Giovanni-Soldati-francesi-alle-Cascine (Miniatura 219x81 px)Due anni dopo il concorso, nel 1861, Firenze fu la sede della prima Esposizione Nazionale di Prodotti Agricoli e Industriali e di Belle Arti, ovvero l’esposizione di quanto di meglio l’Italia – che ormai di Italia si poteva parlare – aveva da offrire. Perfino la sede scelta per l’Esposizione sapeva di nuovo, se non di contemporaneo: il riutilizzo della Stazione Leopolda a Porta a Prato come sede espositiva è un interessante esperimento, probabilmente all’epoca abbastanza incosciente, di riuso di architetture moderne o industriali come contenitori per espressioni artistiche.
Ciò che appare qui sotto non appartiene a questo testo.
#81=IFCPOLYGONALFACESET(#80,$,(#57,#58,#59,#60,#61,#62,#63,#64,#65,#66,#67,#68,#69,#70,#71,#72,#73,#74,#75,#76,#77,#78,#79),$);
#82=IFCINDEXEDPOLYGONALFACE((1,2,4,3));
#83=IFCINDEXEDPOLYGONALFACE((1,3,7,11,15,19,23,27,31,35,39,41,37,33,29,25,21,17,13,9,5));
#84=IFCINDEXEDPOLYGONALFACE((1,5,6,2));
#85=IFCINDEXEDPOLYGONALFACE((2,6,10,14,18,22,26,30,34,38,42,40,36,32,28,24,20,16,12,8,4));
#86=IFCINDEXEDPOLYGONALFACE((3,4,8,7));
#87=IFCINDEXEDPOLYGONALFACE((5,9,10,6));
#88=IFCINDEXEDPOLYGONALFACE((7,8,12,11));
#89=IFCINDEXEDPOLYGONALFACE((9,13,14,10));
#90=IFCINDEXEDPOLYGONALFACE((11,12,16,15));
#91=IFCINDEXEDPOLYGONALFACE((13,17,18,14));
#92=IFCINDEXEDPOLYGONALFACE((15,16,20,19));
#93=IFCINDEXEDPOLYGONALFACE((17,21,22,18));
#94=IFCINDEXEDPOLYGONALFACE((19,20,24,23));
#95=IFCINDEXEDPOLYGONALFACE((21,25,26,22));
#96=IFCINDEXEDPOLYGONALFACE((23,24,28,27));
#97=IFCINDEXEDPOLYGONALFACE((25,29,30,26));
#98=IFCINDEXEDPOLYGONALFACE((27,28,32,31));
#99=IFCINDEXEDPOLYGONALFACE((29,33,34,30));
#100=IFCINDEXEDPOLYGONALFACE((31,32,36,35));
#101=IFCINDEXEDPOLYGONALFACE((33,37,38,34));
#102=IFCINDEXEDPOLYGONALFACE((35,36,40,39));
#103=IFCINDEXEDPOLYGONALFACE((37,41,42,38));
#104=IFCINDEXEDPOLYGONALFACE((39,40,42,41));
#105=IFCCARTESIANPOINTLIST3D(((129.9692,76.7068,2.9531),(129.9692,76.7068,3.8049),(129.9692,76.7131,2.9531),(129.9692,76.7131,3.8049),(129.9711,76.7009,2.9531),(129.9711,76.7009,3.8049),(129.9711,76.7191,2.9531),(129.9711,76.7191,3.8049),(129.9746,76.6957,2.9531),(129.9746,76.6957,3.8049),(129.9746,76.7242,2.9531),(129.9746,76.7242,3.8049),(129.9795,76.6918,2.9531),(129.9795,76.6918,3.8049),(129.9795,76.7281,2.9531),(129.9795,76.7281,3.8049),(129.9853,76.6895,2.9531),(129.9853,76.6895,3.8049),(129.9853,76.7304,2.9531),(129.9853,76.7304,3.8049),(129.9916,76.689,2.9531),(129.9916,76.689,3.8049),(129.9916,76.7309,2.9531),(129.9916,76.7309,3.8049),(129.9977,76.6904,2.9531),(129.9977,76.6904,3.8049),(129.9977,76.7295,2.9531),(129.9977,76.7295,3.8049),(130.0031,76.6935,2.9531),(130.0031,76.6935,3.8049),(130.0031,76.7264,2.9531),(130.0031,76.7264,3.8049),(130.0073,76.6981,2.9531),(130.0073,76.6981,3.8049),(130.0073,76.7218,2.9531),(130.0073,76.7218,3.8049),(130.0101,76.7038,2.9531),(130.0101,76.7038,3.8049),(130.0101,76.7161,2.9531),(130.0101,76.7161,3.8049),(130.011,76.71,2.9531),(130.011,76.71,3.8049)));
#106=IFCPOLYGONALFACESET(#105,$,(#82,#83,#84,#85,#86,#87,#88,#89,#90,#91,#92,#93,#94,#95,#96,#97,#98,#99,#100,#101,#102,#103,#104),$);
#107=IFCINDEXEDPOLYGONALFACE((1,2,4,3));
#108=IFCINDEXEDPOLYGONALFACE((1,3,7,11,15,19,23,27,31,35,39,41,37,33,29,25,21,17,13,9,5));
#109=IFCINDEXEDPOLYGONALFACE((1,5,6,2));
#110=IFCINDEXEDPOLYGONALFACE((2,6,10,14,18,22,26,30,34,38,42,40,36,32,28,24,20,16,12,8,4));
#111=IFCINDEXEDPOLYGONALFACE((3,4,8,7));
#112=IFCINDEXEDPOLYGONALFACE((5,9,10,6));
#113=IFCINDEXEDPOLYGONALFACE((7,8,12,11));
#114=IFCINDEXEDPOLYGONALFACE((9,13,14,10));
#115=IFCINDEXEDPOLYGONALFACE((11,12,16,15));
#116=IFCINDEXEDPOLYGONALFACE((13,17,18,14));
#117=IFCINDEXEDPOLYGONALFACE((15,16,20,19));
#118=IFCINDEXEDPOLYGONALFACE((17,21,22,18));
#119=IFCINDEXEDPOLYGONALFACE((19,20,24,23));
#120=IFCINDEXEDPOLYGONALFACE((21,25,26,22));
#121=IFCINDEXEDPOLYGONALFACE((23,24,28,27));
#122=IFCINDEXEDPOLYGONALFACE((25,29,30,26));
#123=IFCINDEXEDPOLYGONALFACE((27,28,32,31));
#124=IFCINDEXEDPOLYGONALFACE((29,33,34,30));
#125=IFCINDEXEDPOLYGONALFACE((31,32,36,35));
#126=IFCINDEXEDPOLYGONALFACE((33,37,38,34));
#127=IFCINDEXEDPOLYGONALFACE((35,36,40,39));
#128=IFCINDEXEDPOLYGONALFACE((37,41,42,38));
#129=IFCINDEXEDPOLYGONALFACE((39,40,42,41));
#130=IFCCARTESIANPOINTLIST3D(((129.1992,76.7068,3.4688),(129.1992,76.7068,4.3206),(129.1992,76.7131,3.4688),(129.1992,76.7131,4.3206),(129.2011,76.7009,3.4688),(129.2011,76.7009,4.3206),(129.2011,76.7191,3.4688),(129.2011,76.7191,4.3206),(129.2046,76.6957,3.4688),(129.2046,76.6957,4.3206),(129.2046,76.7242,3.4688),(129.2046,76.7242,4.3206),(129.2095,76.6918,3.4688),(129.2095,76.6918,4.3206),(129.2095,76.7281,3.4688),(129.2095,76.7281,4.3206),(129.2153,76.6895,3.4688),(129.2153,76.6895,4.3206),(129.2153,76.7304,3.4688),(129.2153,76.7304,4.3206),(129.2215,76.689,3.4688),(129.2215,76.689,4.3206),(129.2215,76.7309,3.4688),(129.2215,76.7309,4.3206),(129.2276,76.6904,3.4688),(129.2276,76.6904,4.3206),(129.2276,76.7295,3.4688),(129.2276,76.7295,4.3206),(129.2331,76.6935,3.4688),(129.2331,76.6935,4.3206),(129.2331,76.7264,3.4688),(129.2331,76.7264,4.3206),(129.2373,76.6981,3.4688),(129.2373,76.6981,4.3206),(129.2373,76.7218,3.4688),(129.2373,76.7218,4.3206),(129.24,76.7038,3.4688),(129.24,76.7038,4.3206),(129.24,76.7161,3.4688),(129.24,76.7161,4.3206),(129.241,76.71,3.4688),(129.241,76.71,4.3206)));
L’Esposizione fu l’occasione, per i pittori, per poter dire io vorrei essere un grande artista, io lo voglio essere per poter dire sono Italiano, come Domenico Morelli scriveva negli anni cinquanta dell’Ottocento, quando le tensioni della storia erano ancora vive e l’esito non del tutto certo. Si videro in mostra molti diversi tentativi di dare espressione a questa voglia di essere Italiani, ovvero nuovi, anche nella pittura e in particolare nel genere maggiore, quello storico. Non mancavano paesaggi, ritratti e visioni bucoliche ma era ancora il grande quadro di storia il banco di prova sul quale gli artisti si dovevano confrontare, come era stato da secoli, anche se poi spesso, per poter sopravvivere della loro arte, si adattavano ai ritratti o ad altri generi considerati minori.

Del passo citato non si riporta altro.